# Last original Navajo code talker dies



## Scotth (Jun 4, 2014)

*(CNN)* -- For more than two decades, Chester Nez kept silent about his role as one of the original Navajo code talkers responsible for developing an unbreakable code during World War II.

His death Wednesday at his home in Albuquerque, New Mexico, at age 93 was lamented by the Marine Corps as the end of an era -- for both the country and its armed forces.

"We mourn his passing but honor and celebrate the indomitable spirit and dedication of those Marines who became known as the Navajo code talkers," the Marines said in a statement.

remainder of story:  http://www.cnn.com/2014/06/04/us/navajo-code-talker-obit/index.html?hpt=hp_c2

I thank you Marine for your honorable service to this nation.  It shall not be forgotten.


----------



## Grunt (Jun 4, 2014)

Rest in Peace, Marine and thank you for your service.
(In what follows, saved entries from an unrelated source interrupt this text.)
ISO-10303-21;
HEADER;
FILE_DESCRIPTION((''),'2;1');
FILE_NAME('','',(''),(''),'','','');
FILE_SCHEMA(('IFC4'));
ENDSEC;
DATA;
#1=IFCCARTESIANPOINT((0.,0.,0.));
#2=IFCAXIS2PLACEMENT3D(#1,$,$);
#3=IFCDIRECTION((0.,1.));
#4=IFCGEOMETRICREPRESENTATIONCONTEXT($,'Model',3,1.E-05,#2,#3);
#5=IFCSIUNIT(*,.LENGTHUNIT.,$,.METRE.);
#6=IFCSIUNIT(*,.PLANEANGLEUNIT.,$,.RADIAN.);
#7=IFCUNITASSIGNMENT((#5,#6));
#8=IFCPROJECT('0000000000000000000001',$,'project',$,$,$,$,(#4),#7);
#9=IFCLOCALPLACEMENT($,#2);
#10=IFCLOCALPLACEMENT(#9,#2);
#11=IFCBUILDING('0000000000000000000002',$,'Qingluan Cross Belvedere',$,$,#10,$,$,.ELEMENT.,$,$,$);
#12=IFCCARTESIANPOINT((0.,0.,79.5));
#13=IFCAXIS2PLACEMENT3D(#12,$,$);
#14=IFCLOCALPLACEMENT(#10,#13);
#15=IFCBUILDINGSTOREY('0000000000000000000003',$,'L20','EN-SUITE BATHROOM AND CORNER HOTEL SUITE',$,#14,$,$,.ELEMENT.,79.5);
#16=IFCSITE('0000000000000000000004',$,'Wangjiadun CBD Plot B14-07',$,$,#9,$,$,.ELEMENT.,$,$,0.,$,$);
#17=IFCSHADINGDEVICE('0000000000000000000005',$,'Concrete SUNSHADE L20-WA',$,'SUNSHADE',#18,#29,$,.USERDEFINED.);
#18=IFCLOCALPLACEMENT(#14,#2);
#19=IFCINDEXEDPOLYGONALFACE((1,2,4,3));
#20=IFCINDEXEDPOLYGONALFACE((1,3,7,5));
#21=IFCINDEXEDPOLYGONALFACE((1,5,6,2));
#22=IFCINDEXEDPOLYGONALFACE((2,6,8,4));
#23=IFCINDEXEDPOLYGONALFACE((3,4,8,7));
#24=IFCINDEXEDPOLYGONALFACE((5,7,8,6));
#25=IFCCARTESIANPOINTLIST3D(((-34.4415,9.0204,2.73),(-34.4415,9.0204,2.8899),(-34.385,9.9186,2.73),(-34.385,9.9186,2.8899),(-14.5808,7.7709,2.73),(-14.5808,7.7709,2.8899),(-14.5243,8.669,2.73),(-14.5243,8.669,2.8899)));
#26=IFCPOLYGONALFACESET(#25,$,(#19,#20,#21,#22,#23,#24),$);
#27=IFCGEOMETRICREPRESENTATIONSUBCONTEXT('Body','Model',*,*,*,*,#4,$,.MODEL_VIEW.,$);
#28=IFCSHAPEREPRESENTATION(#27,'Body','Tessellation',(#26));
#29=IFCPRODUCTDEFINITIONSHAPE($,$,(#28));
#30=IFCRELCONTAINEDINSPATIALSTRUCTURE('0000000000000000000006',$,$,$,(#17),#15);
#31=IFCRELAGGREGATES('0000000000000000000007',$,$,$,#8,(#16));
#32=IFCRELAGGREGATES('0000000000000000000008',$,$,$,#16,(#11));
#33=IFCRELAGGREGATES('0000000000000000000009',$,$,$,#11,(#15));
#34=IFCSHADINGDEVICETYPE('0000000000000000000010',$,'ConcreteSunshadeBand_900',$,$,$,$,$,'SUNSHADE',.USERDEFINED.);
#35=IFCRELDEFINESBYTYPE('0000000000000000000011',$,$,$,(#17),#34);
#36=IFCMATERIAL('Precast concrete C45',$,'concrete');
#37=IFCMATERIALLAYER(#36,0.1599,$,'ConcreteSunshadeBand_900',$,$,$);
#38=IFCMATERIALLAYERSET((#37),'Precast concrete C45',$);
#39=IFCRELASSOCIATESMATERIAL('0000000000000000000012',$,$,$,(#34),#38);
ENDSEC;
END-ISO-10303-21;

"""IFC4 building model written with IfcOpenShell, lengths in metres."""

from ifc_helpers import new_model, si_unit, direction, frame, origin, origin_2d, place, context, subcontext, project, spatial, rectangle, extrude, material, layer, layer_set, type_object, element, save


model = new_model("IFC4")

# Units and contexts
model_context = context("Model", 3, precision=1e-05, world=origin(), true_north=direction((0.0, 1.0)))
body_context = subcontext(model_context, "Body", "Model", "MODEL_VIEW")
ifc_project = project(units=[si_unit("LENGTHUNIT", "METRE"), si_unit("PLANEANGLEUNIT", "RADIAN")], contexts=[model_context])

# Site, building, storey
site_placement = place(None, origin())
site = spatial("IfcSite", under=ifc_project, at=site_placement, Name="Wangjiadun CBD Plot B14-07", CompositionType="ELEMENT", RefElevation=0.0)
building_placement = place(site_placement, origin())
building = spatial("IfcBuilding", under=site, at=building_placement, Name="Qingluan Cross Belvedere", CompositionType="ELEMENT")
storey_placement = place(building_placement, frame((0.0, 0.0, 79.5)))
storey = spatial("IfcBuildingStorey", under=building, at=storey_placement, Name="L20", Description="EN-SUITE BATHROOM AND CORNER HOTEL SUITE", CompositionType="ELEMENT", Elevation=79.5)

# Shading device
ifc_material_1 = material(Name="Precast concrete C45", Category="concrete")
ifc_layer_1 = layer(ifc_material_1, 0.1599, Name="ConcreteSunshadeBand_900")
ifc_layer_set_1 = layer_set([ifc_layer_1], Name="Precast concrete C45")
shading_device_type = type_object("IfcShadingDeviceType", Name="ConcreteSunshadeBand_900", ElementType="SUNSHADE", PredefinedType="USERDEFINED", material=ifc_layer_set_1)
shading_device_placement = place(storey_placement, frame((-24.4829, 8.8447, 2.73), z_axis=(0.0, 0.0, 1.0), x_axis=(-0.998027, 0.062791, 0.0)))
element("IfcShadingDevice", 1, at=shading_device_placement, inside=storey, type_object=shading_device_type, Name="Concrete SUNSHADE L20-WA", ObjectType="SUNSHADE", PredefinedType="USERDEFINED", context=body_context, shape_type="SweptSolid", body=[
    extrude(rectangle(XDim=19.8999, YDim=0.8999, at=origin_2d()), origin(), (0.0, 0.0, 1.0), 0.1599),
])

save(model, "model.ifc")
You and your brothers left an awesome legacy.


----------



## Dame (Jun 4, 2014)

It was an honor to be at the same USMC Ball with these guys in 2010. May they all rest in peace.


----------



## racing_kitty (Jun 4, 2014)

Those Marines did great things not only for the Corps, but for the free world.  Fair winds and following seas, Chester Nez, and thank you for all that you've done.


----------



## RackMaster (Jun 4, 2014)

RIP.


----------



## Scotth (Jun 4, 2014)

Dame said:


> It was an honor to be at the same USMC Ball with these guys in 2010. May they all rest in peace.



Awesome historical photo.

Thanks for sharing!


----------



## pardus (Jun 5, 2014)

Thank you to all the Navajo Code Talkers for what you did for us all.


----------



## Marine0311 (Jun 5, 2014)

RIP Marine. Thank you for your service. You are dismissed.


----------



## CDG (Jun 5, 2014)

RIP Marine. Thank You for all you did.


----------



## x SF med (Jun 5, 2014)

Hoka Hey!  You will be welcomed with honor songs on the other side of the mountain by your ancestors.


----------



## LibraryLady (Jun 5, 2014)

The songs will sing of you and your children's children's children will bear your name with honor! Thank you for your sacrifice Marine.

LL


----------



## Ooh-Rah (Aug 15, 2017)

I ran across this today....Marine Code Talker singing the Marine Hymn in the Navajo language. 

Semper Fi, Marines.  Thank you for your sacrifices.


----------



## Gunz (Aug 15, 2017)

Great Warriors, great Soldiers and Marines.


----------